Hypothalamic- Pituitary- Adrenal Axis
The Pituitary- Adrenal System
Test For Pituitary- Adrenal Interaction
These tests are designed to evaluate
- The reserve of the adrenal cortex
- ACTH secreting capacity and
- Normal pituitary adrenal feed back control
Adrenal Reserve: The estimation of plasma and/or urinary steroids before and during ACTH administration reveals the responsiveness of the adrenal cortex to ACTH (ACTH is infused intravenously for 8 hours at the rate of 5 U/hour and plasma levels of cortisol are estimated prior to and during the infusion). Irrespective of the initial values normal subjects show an elevation of 10- 25 ug/dl in the first hour and 15- 40 ug/dl in the eight hour of the infusion. Urinary 17 OHS is estimated in 24 hours collections of urine done before and just after commencement of the ACTH infusion. Normally, urine contains 3- 7mg of 17 OHS/g of creatinine. With the infusion of ACTH urinary 17 OHS rises to 1.5 to 2.5 times the normal range.
Metyrapone test: This test detects disorders in the mechanism of control of cortisol production by ACTH and corticotrophin releasing factor (CRF). Metyrapone inhibits 11- beta-hydroxylase which is one of the enzymes required for cortisol biosynthesis. Reduction in plasma cortisol stimulates CRF production by the hypothalamus and ACTH secretion by the pituitary. These hormones stimulate the adrenal cortex to produce glucocorticoids. Since metyrapone blocks 1-beta-hydroxylase which is required for cortisol secretion, the alternate product 11- deoxycortisol is formed instead. Rise in the production of 11- deoxycortisol is reflected as a rise in urinary 17- hydroxycorticoids.
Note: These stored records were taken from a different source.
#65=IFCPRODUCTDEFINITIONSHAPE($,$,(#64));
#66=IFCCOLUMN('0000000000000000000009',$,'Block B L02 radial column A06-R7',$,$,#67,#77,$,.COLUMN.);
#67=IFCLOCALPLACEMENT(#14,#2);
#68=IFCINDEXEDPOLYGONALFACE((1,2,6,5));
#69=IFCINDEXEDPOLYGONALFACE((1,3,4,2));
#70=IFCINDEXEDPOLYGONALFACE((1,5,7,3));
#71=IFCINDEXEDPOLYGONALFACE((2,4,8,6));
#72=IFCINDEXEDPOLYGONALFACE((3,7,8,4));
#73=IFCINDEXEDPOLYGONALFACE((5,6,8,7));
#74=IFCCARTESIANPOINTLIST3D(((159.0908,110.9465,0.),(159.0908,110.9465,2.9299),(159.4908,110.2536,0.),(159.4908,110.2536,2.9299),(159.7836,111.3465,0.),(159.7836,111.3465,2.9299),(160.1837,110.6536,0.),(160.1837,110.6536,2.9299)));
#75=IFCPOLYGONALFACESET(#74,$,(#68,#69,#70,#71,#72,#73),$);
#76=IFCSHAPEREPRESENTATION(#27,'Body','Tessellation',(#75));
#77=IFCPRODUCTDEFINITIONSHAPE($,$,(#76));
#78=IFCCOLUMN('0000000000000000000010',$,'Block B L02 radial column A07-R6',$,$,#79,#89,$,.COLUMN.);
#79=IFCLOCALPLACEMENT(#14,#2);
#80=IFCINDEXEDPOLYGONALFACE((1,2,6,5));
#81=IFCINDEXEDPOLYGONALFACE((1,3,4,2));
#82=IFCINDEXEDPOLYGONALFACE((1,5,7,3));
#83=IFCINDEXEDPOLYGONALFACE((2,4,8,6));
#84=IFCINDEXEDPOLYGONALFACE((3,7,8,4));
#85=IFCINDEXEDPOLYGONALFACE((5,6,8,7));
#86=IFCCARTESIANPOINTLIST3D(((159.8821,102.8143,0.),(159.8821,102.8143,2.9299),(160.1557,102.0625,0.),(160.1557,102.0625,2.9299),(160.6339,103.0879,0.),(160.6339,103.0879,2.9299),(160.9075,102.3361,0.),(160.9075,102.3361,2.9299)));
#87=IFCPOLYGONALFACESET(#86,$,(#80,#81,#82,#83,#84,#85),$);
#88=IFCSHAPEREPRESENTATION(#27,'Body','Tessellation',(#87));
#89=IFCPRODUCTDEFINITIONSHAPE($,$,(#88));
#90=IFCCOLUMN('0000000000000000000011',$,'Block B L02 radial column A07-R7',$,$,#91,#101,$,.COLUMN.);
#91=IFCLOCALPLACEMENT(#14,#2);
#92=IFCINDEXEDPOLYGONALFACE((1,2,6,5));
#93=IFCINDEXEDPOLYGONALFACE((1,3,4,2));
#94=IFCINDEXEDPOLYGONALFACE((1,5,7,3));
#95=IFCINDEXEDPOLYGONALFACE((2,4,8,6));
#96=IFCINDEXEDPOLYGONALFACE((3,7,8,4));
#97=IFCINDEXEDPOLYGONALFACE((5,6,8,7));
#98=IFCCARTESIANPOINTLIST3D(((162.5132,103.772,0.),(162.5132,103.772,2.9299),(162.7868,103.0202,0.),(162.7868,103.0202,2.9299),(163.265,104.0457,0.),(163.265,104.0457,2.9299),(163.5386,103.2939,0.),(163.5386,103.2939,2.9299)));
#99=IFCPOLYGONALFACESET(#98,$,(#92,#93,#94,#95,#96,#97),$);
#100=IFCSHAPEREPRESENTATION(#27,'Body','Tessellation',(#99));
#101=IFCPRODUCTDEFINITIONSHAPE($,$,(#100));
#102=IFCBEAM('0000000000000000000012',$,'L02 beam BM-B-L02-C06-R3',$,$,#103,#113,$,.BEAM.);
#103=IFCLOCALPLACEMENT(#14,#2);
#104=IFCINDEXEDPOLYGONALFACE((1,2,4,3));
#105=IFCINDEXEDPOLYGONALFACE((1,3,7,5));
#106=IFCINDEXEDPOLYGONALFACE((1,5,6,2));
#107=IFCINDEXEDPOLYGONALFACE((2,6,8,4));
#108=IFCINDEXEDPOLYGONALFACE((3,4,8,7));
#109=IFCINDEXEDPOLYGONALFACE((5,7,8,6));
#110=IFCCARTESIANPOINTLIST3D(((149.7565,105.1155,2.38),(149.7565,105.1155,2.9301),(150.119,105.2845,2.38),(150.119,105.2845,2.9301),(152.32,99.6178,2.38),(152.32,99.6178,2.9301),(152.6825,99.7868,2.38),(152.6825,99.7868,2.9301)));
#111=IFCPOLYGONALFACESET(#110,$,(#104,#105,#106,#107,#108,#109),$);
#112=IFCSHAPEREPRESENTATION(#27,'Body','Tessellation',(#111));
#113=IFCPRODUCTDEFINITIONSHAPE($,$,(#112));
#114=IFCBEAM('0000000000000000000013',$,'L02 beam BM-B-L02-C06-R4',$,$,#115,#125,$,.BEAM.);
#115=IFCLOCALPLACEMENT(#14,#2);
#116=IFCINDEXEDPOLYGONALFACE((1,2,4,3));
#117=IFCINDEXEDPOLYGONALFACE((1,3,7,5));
Metyrapone is given in a dose of 10 mg/Kg of ideal body weight every 4 hours for 24 hours (6 doses). Normal subjects show a two fold increase in urinary 17- OHS the same day or on the next day. When the test is negative, it may be due to disorders of the hypothalamus, pituitary or adrenal cortex or failure of metyrapone to suppress the enzyme. A positive response to exogenous ACTH suggests that the adrenal is not at fault and that the lesion is in the controlling mechanisms.
Dexamethasone Suppression test: Exogenous or endogenous glucorcoticoids normally suppress ACTH secretion. This feed back inhibition is lost in Cushing’s syndrome. Dexamethasone is given in a dose of 0.5mg 6 hourly for 2 days. Urinary 17 OHCS comes down below 2.5 mg/day and plasma cortisol falls below 2 mg/dl on the second day of the test. In the modified dexamethasone suppression test, 2 mg dexamethasone is given 6 hourly.
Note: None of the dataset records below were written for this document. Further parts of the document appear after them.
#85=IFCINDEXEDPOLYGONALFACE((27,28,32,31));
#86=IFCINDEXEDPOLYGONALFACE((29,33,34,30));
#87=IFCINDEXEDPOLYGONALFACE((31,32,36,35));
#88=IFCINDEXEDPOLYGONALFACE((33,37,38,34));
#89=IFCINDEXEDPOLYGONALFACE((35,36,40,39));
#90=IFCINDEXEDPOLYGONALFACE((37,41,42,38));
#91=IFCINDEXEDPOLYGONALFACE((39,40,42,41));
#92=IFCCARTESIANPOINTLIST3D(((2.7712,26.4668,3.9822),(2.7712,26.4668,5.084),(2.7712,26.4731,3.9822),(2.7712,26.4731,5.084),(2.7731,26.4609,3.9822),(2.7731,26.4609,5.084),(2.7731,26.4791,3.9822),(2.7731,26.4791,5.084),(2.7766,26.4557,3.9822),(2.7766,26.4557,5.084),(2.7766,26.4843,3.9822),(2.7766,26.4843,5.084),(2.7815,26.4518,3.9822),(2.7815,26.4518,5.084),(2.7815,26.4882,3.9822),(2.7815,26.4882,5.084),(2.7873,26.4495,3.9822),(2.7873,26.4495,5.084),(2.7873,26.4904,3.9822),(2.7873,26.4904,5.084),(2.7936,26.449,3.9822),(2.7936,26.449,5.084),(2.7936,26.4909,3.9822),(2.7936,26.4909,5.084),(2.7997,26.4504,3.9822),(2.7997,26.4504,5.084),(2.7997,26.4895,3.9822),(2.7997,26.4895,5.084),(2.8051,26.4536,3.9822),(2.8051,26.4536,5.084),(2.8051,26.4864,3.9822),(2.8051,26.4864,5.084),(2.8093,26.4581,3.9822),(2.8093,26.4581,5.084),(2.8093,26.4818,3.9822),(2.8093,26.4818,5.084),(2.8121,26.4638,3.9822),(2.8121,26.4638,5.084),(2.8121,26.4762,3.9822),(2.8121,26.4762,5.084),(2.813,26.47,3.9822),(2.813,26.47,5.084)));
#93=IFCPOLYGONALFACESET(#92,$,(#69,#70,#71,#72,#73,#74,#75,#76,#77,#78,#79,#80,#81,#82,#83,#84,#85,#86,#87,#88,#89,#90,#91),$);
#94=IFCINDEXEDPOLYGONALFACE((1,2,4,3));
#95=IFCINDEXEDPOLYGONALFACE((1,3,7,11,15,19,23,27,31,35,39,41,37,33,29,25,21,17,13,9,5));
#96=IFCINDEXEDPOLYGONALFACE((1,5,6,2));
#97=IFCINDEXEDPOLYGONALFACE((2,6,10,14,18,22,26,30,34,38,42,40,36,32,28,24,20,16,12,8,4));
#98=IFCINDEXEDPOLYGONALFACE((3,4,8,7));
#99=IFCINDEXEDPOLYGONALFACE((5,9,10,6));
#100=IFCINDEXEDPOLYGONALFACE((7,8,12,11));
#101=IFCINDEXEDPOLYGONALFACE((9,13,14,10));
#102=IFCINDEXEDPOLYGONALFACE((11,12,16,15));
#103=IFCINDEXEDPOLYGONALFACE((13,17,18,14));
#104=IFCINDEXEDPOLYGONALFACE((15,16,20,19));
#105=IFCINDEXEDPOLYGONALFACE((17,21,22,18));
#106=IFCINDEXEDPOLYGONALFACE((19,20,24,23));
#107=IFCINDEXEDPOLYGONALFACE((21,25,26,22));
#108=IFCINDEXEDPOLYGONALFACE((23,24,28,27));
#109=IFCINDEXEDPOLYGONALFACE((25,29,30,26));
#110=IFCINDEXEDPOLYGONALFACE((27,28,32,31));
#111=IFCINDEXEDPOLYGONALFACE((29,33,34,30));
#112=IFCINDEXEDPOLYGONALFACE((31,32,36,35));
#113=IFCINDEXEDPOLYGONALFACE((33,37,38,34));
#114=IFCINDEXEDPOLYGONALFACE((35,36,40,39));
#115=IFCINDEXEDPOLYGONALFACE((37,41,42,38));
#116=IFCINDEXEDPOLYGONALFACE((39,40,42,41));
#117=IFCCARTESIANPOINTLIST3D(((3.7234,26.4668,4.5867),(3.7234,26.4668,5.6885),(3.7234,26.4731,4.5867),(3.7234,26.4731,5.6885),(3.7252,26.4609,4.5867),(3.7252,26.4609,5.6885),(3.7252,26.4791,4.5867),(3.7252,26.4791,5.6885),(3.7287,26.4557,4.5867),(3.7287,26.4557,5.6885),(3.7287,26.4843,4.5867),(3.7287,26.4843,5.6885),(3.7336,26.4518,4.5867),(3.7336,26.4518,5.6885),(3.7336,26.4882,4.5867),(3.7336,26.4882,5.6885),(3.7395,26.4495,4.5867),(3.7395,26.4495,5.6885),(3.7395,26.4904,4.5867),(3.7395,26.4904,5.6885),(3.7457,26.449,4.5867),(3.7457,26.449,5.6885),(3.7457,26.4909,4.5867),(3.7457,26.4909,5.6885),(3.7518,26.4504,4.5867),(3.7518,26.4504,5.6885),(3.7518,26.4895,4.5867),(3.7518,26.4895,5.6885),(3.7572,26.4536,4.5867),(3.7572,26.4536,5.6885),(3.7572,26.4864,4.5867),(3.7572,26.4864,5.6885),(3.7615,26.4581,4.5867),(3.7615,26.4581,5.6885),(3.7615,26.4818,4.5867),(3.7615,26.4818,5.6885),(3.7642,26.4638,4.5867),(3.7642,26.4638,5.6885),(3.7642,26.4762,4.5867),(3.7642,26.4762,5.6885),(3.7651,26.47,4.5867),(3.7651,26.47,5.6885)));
Normal subjects show prompt suppression even when small doses of dexamethasone are administered. In adrenal hyperplasia, suppression can be achieved only with the higher dose. In the case of adenoma, carcinoma and actopic sources of ACTH, cortisol production is not suppressed even by higher doses of dexamethason.
Demonstration of Lesion
Adrenals can be visualized radiologically, especially if they are calcified. In many cases, the rumours are 4 to 6 cm in diameter by the time they show endocrine abnormalities. Alteration in renal outline seen in intravenous pyelography should suggest adrenal neoplasms. Adrenal arteriography helps in visualizing the tumour. Contrast radiography after presacral air insufflations was employed to delineate tumours before the advent of CT and ultrasonography. These noninvasice methods have made demonstration of adrenal tumours easier. Selective catheterization of adrenal vein gives information about the secretion of the gland.